O papa Francisco proclamou 14 novos santos no dia 20 de outubro, durante a Missa na Praça de São Pedro. Entre eles, está o italiano José Allamano. Nascido em 21 de janeiro de 1851 em Castelnuovo D’Asti, Itália, foi um notável sacerdote católico que dedicou a vida ao serviço religioso e à expansão do trabalho missionário.

Allamano era reconhecido pelo trabalho missionário e fundou o Instituto Missões Consolata dos padres e irmãos em 1900, seguido pelo Instituto das Irmãs Missionárias da Consolata em 1910. Essas iniciativas expandiram o trabalho para várias regiões africanas e outros países ao redor do mundo – como o território Yanomami. Allamano morreu em fevereiro de 1926.

Na apresentação da canonização de José Allamano no dia 19, na sala de imprensa do Vaticano, também estava presente Júlio Ye’kwana, presidente da Associação Wanasseduume Ye’kwana (Seduunme) e líder indígena do território Yanomami em Roraima.

Imagem do padre José Allamano, canonizado pela igreja católica. Foto: Divulgação/Diocese de Roraima

Missão na Terra Yanomami

A Missão Catrimani com os missionários de Consolata na Terra Yanomami, que leva o nome do rio brasileiro ao oeste do estado de Roraima, foi criada pelo Concílio Vaticano II durante a década de 1960.

O bispo de Roraima e presidente da rede Eclesial Pan-Amazônica, dom Evaristo Spengler — que está em Roma para acompanhar a canonização de Allamano — destacou a importância da missão na crise sanitária vivida pelos Yanomami causada pela invasão do garimpo ilegal.

“Especificamente na Terra Yanomami, a missão não é de anúncio explícito do evangelho. Foi criada para o diálogo, valorização da cultura e do respeito à forma religiosa que o povo indígena vive, sem fazer proselitismo”, afirmou.
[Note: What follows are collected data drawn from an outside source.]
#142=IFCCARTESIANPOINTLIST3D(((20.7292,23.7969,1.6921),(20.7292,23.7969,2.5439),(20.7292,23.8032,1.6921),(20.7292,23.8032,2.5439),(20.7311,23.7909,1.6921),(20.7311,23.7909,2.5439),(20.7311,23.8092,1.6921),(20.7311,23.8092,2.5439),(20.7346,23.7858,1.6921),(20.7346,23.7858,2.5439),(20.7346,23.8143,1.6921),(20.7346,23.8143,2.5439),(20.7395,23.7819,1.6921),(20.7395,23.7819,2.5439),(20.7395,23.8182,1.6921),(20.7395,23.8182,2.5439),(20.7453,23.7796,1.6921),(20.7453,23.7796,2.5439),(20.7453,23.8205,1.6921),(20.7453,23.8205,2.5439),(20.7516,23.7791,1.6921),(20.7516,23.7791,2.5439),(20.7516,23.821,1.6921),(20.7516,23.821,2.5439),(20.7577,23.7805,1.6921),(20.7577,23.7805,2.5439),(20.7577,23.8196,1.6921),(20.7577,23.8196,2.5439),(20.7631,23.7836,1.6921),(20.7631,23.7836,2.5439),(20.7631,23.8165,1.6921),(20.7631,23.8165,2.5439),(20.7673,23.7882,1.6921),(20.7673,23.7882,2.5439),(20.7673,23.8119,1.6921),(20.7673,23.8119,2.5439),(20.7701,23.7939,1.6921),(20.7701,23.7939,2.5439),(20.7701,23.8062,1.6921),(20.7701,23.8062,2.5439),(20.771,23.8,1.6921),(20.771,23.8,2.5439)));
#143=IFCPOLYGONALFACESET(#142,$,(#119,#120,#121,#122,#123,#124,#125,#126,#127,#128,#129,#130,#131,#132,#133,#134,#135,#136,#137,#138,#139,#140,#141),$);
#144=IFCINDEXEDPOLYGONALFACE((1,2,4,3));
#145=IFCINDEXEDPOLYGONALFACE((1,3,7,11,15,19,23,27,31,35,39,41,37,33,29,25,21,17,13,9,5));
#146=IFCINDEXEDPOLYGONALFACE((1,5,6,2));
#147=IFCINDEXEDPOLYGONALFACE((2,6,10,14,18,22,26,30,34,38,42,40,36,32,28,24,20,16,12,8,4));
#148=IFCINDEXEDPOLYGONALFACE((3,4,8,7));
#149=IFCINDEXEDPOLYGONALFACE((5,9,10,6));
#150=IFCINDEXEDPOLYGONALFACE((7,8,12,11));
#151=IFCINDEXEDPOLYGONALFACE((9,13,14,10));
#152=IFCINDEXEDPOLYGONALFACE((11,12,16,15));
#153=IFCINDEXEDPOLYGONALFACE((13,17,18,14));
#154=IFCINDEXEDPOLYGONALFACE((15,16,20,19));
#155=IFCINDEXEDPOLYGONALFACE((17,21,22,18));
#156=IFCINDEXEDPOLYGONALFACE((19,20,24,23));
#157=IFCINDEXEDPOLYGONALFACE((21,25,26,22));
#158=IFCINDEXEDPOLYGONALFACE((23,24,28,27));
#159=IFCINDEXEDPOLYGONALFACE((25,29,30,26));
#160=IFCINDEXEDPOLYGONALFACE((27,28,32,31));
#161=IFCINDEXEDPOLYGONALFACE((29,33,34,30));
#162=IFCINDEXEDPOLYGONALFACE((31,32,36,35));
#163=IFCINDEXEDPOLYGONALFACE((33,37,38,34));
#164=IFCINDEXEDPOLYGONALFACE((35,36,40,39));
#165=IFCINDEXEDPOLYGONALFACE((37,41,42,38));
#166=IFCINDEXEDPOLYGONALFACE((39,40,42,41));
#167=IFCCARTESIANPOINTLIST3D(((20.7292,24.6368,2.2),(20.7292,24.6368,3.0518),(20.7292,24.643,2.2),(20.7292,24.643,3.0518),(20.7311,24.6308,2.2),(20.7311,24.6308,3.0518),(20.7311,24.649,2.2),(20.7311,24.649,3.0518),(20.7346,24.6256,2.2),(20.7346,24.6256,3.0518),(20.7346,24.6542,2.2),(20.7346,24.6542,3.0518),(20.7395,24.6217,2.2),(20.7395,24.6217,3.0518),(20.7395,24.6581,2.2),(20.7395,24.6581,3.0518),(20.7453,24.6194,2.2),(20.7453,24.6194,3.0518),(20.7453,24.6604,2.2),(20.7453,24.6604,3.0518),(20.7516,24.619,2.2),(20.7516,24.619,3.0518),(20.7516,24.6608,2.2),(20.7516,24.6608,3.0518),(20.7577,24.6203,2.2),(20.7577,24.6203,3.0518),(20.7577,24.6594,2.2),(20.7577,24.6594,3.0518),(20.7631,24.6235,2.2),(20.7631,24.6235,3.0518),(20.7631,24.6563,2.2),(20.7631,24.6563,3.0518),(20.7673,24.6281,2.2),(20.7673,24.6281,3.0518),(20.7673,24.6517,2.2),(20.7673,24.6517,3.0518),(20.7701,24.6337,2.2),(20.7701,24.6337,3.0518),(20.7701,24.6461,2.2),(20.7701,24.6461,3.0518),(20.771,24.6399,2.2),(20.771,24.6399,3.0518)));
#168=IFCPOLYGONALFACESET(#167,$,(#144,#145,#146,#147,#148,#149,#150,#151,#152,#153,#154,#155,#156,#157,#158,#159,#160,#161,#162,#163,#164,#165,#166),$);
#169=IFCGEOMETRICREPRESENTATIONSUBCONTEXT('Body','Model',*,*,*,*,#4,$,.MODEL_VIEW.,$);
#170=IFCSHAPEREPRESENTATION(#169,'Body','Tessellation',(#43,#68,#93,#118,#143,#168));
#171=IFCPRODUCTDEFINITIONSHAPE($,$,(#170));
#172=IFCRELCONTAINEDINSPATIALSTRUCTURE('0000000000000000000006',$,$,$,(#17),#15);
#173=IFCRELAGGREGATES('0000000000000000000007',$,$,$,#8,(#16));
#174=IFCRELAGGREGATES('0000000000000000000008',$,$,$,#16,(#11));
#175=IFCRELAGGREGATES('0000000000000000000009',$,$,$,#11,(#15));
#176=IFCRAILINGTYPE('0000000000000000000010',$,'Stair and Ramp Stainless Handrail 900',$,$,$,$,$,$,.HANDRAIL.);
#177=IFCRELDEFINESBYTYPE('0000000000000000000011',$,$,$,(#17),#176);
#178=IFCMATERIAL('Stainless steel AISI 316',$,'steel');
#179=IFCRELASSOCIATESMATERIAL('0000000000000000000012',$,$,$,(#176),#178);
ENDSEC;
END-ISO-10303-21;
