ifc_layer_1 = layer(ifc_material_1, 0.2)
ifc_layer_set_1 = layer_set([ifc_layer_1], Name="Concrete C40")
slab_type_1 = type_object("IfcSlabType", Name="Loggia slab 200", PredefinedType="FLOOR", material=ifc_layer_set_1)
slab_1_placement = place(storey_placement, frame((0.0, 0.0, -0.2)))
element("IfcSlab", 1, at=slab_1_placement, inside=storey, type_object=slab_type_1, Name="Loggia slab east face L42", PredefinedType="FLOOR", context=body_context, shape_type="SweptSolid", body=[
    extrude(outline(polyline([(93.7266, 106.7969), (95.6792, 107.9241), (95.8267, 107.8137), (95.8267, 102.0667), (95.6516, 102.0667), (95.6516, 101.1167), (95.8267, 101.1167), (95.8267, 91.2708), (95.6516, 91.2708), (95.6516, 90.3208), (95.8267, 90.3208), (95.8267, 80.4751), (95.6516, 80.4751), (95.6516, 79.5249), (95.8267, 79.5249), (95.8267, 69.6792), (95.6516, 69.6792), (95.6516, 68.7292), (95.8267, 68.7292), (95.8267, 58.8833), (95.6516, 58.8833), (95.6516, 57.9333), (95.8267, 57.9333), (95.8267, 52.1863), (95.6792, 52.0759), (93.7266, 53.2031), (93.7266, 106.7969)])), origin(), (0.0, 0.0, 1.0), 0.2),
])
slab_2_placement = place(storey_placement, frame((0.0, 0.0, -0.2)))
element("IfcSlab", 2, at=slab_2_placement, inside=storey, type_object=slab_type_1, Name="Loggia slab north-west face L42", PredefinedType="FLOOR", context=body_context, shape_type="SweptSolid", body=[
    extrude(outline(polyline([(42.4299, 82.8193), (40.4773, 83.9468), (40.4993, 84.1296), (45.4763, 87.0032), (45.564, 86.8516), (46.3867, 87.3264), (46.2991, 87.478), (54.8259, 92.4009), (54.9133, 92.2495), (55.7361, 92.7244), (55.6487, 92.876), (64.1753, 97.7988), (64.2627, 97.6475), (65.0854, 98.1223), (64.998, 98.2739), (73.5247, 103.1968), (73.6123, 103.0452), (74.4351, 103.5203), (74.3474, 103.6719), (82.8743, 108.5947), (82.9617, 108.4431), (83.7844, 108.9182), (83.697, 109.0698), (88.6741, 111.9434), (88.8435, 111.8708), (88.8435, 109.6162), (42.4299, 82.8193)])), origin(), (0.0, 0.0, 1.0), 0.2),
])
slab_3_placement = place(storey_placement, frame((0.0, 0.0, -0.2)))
Crise Yanomami sem precedentes

Com 9,6 milhões de hectares, a Terra Yanomami é o maior território indígena do Brasil em extensão territorial e enfrenta uma crise de saúde devido ao avanço do garimpo ilegal, com casos graves de indígenas com malária e desnutrição severa.
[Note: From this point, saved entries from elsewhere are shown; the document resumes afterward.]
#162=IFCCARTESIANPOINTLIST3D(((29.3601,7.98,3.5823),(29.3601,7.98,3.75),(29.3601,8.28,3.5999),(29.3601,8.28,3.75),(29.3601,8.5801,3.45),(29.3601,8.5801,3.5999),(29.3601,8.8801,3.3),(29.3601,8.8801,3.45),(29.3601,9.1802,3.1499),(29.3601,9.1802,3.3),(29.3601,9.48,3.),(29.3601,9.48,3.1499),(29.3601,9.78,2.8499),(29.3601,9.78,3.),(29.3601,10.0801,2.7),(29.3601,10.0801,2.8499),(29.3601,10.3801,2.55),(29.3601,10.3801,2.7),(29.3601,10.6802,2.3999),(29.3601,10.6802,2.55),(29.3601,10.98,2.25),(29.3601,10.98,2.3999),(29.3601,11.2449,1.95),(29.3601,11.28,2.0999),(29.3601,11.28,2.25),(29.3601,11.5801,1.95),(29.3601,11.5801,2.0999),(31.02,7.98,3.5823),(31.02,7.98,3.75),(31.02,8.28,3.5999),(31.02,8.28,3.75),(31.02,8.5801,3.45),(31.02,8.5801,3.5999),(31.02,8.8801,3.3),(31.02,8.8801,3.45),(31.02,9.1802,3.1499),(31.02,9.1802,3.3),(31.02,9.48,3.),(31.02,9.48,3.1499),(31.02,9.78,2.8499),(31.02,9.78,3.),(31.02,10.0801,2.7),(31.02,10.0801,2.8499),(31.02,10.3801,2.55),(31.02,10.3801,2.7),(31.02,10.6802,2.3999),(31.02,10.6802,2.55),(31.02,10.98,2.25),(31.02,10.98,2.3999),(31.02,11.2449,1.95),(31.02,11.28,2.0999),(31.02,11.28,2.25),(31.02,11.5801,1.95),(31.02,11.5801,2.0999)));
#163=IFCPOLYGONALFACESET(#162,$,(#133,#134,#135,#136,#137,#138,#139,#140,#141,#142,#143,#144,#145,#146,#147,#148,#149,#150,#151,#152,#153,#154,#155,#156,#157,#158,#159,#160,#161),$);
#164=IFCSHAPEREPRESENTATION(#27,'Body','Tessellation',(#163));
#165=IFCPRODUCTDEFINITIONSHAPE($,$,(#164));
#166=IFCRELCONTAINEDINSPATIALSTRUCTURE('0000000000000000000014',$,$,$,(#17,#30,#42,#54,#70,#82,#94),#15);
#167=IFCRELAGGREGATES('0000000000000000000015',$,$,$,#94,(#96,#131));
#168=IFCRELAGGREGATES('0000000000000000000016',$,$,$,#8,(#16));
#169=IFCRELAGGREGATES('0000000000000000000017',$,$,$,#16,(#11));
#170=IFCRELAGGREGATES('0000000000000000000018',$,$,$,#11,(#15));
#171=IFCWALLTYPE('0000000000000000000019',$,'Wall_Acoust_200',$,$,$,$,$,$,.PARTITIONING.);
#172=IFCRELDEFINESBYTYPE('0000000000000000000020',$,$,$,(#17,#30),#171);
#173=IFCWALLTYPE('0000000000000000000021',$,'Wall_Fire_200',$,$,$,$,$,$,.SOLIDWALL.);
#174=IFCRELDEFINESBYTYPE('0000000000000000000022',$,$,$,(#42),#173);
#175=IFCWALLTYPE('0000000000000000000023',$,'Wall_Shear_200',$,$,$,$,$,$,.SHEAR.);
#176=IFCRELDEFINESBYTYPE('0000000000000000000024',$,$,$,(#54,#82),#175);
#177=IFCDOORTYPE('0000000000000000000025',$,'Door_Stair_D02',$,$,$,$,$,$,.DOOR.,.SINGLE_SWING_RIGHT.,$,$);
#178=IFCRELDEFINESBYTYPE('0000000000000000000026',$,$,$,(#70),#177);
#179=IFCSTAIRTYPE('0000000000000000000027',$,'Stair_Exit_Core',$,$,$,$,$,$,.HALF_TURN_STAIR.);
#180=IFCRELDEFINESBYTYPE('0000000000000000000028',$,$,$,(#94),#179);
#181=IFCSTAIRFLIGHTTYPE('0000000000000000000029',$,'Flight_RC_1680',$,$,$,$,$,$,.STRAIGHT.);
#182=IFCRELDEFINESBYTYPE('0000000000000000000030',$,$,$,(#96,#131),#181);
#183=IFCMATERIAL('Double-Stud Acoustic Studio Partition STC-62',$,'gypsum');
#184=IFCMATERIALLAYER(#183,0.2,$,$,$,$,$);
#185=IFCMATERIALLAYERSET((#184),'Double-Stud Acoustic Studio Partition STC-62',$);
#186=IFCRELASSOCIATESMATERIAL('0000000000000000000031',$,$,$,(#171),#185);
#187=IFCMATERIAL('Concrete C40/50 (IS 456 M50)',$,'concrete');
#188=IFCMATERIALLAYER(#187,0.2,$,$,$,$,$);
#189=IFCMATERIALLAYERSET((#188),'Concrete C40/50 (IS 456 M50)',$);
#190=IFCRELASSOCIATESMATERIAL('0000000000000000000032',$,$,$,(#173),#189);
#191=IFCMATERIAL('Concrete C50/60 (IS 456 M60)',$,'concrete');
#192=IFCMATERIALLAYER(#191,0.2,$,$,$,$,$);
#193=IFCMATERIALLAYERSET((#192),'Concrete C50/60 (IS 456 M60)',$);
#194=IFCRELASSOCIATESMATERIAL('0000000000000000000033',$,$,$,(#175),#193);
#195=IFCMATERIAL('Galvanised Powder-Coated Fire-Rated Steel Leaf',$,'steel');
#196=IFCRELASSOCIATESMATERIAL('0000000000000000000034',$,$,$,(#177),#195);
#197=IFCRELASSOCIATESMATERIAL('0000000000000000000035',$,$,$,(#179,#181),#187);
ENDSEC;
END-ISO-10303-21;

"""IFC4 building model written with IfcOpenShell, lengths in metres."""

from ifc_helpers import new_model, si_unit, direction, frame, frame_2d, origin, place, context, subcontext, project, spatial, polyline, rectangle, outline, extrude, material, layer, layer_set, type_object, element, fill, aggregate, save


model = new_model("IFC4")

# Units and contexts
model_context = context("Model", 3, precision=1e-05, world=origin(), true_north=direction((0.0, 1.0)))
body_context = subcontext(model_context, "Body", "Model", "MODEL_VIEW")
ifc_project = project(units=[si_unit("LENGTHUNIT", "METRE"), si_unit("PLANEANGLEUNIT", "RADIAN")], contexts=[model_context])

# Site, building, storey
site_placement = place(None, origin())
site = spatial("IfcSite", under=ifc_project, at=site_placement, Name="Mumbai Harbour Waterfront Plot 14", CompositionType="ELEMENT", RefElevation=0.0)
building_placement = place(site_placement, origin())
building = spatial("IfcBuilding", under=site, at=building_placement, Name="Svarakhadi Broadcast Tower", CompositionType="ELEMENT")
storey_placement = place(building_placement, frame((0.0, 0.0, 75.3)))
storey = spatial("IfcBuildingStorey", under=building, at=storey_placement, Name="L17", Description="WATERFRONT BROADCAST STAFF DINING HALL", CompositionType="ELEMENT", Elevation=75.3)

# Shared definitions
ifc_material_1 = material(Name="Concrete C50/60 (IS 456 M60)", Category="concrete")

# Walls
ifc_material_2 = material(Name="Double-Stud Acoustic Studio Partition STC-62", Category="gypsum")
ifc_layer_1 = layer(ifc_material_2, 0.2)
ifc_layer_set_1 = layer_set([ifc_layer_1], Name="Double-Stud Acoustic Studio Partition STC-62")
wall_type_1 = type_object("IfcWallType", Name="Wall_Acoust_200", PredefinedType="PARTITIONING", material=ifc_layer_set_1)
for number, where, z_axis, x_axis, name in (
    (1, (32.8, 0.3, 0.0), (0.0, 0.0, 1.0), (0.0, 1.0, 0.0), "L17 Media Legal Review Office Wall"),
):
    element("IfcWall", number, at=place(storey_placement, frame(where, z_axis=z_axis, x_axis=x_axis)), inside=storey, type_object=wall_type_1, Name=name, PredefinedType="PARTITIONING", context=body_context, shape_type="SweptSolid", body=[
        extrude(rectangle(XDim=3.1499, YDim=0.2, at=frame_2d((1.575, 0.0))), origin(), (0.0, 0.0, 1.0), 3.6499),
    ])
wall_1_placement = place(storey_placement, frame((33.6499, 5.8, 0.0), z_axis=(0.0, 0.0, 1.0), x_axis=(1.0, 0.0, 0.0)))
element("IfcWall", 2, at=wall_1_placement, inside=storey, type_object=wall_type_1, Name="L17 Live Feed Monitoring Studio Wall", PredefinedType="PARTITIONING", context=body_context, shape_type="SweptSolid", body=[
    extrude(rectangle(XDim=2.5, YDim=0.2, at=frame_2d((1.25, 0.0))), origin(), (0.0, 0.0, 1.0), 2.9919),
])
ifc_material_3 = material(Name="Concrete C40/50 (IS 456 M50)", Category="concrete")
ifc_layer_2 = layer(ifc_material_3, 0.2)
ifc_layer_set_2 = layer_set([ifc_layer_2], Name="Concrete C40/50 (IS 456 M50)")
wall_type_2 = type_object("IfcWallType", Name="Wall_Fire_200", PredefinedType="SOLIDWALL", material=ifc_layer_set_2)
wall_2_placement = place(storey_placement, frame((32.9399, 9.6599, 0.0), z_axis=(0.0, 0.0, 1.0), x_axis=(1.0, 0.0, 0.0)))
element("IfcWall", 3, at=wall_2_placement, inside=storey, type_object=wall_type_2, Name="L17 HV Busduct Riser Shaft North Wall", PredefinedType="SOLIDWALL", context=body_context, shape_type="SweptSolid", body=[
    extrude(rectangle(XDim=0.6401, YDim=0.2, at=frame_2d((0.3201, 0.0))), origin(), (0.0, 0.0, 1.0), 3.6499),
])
A Terra Yanomami está em emergência de saúde desde janeiro de 2023, quando o governo federal começou a criar ações para atender os indígenas, como o envio de profissionais de saúde e cestas básicas. Além de enviar forças de segurança a região para frear a atuação de garimpeiros.

Apesar das atividades de combate ao garimpo na região deflagradas em fevereiro de 2023, os invasores continuam em atividade. O Ministério dos Povos Indígenas estimou em março deste ano que 7 mil garimpeiros permanecem na região.